Long-distance dispersal via ocean currents connects Omani clownfish populations throughout entire species range.

Abstract

Dispersal is a crucial ecological process, driving population dynamics and defining the structure and persistence of populations. Measuring demographic connectivity between discreet populations remains a long-standing challenge for most marine organisms because it involves tracking the movement of pelagic larvae. Recent studies demonstrate local connectivity of reef fish populations via the dispersal of planktonic larvae, while biogeography indicates some larvae must disperse 100-1000 s kilometres.
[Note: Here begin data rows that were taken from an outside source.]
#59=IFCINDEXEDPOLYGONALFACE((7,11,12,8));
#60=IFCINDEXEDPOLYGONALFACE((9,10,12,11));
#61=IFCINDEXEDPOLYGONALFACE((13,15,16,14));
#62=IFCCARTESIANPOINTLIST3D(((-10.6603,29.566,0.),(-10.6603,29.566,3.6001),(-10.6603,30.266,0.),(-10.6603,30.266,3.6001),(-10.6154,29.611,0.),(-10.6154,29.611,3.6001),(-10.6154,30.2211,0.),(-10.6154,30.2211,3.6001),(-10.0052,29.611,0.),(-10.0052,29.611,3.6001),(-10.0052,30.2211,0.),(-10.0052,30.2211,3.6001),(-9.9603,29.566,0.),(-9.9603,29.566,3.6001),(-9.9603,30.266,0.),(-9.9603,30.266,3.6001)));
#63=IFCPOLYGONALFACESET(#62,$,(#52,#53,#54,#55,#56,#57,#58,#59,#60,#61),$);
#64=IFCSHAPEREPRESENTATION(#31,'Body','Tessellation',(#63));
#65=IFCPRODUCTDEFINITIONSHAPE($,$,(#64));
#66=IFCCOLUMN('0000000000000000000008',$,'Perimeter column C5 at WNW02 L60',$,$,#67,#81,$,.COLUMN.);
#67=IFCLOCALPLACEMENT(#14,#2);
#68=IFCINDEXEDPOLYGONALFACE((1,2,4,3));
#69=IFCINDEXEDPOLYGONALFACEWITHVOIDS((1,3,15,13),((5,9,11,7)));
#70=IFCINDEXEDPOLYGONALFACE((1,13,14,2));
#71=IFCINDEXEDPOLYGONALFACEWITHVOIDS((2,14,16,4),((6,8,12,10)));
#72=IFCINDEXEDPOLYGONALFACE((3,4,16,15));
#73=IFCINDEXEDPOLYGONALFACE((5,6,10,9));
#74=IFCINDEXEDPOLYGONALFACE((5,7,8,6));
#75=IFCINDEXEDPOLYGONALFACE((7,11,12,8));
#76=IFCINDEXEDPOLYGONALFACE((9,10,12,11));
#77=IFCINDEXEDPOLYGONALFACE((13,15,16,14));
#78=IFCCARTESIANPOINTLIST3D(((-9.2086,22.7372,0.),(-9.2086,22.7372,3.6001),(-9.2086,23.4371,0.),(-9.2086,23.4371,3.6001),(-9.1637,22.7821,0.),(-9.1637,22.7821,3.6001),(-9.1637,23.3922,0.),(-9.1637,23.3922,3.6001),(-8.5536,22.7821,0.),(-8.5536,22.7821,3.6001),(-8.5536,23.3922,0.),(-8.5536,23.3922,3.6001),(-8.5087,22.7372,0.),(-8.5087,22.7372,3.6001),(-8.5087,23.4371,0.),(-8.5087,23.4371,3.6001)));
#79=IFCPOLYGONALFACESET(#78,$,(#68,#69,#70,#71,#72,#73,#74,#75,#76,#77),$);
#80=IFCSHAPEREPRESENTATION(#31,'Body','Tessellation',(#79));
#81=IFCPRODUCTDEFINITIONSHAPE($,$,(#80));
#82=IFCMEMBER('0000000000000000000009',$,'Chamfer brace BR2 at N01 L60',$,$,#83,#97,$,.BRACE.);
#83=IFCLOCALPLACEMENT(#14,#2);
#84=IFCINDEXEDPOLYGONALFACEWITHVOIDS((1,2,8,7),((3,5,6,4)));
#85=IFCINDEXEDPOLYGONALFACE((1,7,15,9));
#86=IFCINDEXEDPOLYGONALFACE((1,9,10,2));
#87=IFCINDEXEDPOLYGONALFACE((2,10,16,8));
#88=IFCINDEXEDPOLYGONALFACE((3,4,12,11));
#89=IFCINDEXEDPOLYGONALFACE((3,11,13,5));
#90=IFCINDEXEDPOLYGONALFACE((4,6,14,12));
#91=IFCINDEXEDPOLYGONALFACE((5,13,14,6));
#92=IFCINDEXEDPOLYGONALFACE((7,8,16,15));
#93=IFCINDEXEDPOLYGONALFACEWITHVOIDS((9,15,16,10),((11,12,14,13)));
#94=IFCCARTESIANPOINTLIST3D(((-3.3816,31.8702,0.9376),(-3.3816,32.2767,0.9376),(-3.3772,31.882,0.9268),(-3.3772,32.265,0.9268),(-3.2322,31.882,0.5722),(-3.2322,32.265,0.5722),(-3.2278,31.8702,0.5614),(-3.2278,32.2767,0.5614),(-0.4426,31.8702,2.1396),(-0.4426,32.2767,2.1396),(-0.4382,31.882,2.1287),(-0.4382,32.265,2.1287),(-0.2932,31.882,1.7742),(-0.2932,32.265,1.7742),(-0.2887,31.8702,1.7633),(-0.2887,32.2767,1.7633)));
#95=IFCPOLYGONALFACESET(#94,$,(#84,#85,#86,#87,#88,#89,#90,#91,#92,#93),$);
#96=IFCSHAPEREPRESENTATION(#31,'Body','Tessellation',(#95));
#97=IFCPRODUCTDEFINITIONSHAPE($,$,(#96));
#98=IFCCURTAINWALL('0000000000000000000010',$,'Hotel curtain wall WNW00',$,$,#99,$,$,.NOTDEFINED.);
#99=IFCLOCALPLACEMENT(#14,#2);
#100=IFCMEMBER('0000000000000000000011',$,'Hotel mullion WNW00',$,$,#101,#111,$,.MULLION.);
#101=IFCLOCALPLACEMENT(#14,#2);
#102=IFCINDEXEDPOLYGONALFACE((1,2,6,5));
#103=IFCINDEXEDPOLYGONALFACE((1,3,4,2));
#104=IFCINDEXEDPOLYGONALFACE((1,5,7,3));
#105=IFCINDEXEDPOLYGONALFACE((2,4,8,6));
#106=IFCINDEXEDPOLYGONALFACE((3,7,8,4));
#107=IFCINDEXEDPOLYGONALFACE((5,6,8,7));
To date, empirical measures of long-distance dispersal are lacking and the full scale of dispersal is unknown. Here we provide the first measure of long-distance dispersal in a coral reef fish, the Omani clownfish Amphiprion omanensis, throughout its entire species range. Using genetic assignment tests we demonstrate bidirectional exchange of first generation migrants, with subsequent social and reproductive integration, between two populations separated by over 400 km. Immigration was 5.4% and 0.7% in each region, suggesting a biased southward exchange, and matched predictions from a physically-coupled dispersal model. This rare opportunity to measure long-distance dispersal demonstrates connectivity of isolated marine populations over distances of 100 s of kilometres and provides a unique insight into the processes of biogeography, speciation and adaptation.